Other reasons why evaluations of conference sessions can be unreliable include quantifiable reason bias (the distortions that occur when attendees are asked to justify their evaluations) and evaluation environment bias (evaluations are influenced by the circumstances in which they’re made). These biases are minimal if we receive evaluations from the environment in which participants can implement hoped-for learning: i.e. back in the world of work. But instead—worried that no one will provide feedback if we wait too long—we supply evaluation sheets to fill out at the session, or push evaluation reminders right away via a conference app.

How can we improve meeting evaluations?

If we want meeting evaluations to reflect real-world long-term change, we need to use evaluation methods that allow participants to report on their meeting experiences’ long-term effects.

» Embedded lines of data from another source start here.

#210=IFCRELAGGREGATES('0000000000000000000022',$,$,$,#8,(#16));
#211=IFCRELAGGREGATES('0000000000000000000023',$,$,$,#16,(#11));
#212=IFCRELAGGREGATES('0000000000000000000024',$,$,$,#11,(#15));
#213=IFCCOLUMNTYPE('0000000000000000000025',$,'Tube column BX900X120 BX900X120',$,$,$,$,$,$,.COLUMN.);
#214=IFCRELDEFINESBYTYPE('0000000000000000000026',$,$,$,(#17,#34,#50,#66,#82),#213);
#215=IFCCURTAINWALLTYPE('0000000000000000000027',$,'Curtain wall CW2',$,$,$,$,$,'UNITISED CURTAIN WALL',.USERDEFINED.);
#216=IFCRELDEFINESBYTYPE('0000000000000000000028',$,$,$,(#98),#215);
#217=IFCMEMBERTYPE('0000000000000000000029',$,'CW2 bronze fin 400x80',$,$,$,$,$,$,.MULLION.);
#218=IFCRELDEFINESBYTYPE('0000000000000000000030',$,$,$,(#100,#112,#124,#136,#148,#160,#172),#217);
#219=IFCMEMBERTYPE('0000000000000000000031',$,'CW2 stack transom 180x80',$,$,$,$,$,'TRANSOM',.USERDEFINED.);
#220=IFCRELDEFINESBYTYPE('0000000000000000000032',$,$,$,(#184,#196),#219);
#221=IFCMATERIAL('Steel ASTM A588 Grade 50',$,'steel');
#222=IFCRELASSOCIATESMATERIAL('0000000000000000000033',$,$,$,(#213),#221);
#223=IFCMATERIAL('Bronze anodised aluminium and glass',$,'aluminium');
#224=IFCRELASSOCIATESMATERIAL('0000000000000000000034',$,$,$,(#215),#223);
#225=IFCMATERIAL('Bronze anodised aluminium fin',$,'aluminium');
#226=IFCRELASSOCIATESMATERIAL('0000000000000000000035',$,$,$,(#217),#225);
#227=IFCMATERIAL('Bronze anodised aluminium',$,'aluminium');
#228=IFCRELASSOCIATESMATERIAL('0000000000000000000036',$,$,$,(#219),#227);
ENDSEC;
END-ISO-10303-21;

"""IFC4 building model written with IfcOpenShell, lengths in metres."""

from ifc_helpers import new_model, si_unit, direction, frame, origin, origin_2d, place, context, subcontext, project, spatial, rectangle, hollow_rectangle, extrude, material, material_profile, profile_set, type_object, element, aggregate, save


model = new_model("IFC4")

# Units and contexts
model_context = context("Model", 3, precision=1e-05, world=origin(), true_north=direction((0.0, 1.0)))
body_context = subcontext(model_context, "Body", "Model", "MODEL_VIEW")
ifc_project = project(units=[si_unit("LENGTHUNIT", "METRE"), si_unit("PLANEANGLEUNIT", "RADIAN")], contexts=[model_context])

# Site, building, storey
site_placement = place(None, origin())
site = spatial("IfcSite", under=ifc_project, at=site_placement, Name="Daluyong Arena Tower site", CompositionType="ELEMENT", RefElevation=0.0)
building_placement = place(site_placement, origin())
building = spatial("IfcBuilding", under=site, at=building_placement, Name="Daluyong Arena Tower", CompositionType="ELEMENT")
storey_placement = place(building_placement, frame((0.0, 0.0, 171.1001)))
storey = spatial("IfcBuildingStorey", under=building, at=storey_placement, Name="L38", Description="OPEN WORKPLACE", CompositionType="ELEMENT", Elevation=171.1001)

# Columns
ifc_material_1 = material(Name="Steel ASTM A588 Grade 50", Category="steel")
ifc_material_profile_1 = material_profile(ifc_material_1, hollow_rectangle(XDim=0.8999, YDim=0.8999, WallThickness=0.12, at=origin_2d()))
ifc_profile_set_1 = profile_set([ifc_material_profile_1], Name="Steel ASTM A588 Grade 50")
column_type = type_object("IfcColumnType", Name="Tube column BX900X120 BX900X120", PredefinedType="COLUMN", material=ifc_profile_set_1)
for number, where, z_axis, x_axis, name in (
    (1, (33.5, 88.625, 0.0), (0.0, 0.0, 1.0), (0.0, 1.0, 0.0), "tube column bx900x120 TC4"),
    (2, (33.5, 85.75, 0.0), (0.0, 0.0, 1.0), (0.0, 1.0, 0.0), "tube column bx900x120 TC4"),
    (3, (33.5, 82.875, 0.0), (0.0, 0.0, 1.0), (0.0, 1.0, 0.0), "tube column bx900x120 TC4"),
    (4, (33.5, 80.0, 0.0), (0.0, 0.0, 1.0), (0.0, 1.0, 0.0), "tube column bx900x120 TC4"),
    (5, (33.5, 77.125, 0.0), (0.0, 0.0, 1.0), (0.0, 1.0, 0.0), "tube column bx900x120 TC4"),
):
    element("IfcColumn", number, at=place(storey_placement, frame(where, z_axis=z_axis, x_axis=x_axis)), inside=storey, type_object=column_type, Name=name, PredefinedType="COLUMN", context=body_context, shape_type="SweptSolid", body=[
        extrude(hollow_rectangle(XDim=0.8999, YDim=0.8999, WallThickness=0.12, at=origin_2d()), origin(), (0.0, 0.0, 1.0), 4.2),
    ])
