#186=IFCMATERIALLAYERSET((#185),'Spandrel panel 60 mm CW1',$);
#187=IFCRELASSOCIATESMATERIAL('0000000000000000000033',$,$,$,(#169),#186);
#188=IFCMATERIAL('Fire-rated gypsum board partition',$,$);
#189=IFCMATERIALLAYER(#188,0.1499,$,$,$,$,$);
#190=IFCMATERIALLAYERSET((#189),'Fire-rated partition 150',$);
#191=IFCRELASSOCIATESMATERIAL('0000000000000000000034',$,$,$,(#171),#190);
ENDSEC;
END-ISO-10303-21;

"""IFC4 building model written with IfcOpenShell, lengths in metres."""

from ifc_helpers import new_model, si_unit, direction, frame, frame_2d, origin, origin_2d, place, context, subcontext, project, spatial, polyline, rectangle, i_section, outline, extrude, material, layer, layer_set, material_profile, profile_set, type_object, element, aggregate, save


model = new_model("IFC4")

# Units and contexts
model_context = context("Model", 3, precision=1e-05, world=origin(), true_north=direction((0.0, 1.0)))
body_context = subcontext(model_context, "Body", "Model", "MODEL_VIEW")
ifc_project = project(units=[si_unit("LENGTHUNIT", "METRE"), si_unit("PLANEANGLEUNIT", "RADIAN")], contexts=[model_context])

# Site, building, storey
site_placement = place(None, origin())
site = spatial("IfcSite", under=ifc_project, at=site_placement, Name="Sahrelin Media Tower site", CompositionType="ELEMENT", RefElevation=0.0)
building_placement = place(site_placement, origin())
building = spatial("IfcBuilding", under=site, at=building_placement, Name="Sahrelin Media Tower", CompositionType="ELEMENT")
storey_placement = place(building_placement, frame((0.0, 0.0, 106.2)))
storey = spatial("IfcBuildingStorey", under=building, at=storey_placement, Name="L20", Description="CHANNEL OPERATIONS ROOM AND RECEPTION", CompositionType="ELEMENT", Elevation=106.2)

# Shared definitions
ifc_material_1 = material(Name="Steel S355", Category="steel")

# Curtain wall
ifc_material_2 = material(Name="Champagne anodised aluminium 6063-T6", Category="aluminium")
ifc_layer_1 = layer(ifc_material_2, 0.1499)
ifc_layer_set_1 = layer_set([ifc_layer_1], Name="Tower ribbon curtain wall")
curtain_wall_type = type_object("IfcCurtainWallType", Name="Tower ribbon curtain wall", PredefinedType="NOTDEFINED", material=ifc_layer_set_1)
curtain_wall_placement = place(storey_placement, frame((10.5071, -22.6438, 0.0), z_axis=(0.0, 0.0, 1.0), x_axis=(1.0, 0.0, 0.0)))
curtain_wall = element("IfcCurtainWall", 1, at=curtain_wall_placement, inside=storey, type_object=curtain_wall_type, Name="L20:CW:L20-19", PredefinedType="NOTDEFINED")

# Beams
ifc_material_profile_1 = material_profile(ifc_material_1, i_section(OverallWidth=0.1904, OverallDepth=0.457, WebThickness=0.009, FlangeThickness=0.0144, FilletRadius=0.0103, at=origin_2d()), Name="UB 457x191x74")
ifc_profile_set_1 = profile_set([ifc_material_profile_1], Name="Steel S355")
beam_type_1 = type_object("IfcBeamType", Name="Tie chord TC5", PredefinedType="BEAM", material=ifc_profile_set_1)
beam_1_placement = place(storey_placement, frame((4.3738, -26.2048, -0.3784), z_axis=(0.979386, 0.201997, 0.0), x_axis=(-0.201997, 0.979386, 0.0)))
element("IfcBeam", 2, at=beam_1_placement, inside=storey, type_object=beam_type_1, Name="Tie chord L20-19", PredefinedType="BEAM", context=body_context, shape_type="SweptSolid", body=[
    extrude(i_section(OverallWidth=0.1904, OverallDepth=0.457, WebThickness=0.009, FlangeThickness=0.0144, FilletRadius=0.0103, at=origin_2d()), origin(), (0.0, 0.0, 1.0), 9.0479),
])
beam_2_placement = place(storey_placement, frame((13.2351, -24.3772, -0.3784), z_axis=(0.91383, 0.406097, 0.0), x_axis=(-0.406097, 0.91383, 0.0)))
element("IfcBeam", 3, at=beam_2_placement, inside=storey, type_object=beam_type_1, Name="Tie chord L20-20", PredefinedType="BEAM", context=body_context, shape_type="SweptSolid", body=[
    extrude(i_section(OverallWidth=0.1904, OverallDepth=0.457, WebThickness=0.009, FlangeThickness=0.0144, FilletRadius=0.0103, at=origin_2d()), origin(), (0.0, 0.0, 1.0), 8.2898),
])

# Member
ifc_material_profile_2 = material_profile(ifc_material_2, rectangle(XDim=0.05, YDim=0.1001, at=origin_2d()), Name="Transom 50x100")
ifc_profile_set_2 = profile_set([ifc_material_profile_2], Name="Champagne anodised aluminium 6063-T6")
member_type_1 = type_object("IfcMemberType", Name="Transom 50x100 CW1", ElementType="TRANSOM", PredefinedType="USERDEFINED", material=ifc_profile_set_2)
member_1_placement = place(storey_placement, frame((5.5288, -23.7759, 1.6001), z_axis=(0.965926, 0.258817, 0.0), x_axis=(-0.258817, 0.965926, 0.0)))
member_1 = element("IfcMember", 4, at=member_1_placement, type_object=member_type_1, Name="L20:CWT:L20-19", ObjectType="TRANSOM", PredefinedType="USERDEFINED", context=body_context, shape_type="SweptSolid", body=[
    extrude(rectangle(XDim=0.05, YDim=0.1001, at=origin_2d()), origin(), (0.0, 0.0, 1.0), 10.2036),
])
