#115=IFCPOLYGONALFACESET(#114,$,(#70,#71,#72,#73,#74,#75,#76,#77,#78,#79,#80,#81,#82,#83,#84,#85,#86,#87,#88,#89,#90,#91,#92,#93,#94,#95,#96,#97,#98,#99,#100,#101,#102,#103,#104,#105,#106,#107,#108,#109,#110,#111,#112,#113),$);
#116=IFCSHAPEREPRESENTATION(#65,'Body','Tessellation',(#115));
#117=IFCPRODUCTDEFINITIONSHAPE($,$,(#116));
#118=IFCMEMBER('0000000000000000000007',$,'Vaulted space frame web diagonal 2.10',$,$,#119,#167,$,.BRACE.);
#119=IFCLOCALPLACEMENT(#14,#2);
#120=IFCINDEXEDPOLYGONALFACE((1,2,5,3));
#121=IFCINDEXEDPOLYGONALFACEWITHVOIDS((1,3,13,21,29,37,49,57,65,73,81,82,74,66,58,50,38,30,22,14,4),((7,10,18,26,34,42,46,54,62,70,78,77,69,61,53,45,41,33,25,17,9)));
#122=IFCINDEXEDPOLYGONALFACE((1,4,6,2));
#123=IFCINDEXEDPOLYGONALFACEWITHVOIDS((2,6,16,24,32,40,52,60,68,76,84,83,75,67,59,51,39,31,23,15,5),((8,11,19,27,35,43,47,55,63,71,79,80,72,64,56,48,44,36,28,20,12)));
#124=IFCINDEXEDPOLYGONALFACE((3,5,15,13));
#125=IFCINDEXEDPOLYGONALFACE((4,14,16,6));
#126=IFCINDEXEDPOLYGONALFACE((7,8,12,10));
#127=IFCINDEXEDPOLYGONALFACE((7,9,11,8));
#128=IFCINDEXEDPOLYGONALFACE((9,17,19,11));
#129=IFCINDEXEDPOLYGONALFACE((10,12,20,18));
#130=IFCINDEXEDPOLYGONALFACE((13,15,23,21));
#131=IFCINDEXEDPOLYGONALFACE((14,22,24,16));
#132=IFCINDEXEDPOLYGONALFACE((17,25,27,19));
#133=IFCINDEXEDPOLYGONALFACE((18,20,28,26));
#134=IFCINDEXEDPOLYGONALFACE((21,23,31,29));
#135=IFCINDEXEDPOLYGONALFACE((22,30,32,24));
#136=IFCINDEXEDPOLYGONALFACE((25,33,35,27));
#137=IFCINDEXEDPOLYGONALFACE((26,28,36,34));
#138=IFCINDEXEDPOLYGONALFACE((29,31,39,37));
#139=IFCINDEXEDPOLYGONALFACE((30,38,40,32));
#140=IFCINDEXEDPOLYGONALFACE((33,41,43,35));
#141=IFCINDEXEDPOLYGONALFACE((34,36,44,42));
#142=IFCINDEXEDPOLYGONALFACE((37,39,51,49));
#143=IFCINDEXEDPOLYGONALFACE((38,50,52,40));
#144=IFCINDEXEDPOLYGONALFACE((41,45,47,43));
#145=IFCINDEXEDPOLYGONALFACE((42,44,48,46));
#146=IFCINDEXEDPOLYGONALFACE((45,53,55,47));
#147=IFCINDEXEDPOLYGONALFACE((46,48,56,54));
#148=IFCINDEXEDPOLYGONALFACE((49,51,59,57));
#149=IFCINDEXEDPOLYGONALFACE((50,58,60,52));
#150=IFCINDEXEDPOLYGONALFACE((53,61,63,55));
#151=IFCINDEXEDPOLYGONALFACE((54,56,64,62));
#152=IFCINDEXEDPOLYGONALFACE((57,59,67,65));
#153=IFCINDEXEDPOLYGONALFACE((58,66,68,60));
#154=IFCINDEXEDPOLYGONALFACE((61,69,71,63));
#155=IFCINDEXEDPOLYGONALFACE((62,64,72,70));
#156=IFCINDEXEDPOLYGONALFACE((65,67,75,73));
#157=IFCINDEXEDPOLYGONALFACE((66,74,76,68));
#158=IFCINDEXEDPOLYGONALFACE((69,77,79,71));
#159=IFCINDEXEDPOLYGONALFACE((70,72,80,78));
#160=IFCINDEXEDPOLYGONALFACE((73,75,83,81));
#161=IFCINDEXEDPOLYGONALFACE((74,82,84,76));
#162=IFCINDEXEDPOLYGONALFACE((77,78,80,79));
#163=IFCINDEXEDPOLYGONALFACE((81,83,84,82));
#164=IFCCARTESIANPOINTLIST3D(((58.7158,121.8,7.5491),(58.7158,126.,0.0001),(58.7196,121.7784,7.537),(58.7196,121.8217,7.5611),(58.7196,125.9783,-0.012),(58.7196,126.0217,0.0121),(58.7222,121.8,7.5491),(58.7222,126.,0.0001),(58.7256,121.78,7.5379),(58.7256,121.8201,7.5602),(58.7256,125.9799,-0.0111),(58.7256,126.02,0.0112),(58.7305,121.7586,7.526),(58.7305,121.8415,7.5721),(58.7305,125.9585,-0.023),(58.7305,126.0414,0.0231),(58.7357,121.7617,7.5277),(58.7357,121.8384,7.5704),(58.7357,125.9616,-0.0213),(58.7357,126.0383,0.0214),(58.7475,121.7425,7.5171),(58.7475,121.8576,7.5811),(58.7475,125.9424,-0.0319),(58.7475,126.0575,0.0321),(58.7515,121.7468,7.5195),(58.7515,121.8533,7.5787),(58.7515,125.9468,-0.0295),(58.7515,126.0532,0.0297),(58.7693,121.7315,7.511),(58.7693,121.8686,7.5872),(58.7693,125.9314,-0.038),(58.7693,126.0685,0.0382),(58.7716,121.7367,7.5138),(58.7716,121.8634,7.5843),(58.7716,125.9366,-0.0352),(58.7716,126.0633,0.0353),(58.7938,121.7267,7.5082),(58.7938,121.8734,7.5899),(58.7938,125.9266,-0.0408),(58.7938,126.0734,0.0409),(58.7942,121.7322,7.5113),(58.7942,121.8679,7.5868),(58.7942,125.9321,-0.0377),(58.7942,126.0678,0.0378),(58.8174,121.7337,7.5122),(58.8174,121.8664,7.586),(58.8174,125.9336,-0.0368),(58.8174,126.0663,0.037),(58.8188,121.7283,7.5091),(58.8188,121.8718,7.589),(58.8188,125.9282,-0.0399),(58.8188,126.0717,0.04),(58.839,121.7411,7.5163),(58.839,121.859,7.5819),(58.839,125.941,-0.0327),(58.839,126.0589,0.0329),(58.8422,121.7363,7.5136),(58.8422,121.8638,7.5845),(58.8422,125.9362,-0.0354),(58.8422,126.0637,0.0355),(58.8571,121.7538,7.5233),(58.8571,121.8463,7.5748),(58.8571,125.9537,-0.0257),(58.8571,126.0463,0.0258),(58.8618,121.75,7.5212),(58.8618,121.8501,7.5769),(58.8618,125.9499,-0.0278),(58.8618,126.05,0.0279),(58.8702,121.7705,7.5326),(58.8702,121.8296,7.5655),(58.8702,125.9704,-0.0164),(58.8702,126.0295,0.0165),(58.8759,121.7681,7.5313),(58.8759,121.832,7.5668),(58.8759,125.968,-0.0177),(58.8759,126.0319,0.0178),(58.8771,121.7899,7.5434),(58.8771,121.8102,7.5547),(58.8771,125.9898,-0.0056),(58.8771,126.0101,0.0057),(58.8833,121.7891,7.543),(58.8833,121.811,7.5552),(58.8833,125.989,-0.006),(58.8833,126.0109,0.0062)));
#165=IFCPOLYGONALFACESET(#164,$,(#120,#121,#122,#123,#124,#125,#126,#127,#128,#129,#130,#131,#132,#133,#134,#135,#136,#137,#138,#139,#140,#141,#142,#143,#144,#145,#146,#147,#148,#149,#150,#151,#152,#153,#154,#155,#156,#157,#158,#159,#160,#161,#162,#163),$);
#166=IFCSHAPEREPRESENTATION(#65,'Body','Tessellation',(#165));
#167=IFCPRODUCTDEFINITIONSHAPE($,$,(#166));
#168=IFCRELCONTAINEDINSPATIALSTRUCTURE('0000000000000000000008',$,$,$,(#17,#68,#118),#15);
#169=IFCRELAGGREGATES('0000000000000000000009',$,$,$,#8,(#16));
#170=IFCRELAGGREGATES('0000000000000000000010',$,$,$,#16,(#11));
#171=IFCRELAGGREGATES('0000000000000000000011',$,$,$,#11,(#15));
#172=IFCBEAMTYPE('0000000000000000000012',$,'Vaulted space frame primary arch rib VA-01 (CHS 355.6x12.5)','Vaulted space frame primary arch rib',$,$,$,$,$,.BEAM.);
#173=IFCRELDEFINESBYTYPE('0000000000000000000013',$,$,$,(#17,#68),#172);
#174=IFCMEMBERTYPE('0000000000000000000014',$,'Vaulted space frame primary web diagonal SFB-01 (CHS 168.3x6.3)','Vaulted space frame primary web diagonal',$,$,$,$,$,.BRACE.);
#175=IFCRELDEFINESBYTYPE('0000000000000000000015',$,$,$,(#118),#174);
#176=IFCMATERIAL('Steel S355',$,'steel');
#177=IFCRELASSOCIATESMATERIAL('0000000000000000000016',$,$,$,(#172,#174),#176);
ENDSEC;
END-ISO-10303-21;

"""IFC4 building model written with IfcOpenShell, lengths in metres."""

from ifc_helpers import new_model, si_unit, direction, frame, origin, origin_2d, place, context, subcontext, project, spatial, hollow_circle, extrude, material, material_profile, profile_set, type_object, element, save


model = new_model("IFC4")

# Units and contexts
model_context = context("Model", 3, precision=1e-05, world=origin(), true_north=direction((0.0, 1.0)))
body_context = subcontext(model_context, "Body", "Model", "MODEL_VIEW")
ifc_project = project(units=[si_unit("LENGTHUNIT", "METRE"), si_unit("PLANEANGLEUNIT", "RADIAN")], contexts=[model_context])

This is hard—much harder than asking for immediate impressions. Once away from the event, memories fade, our professional lives center around our day-to-day work, and we are less open to refocus on the past.

While I haven’t formulated a comprehensive approach to evaluating long-term change related to meetings, I think an effective long-term meeting evaluation should include the following activities:

  • Individual participants document perceived learning and change resolutions before the meeting ends.
  • Follow-up with participants after an appropriate time to determine whether their chosen changes have actually occurred.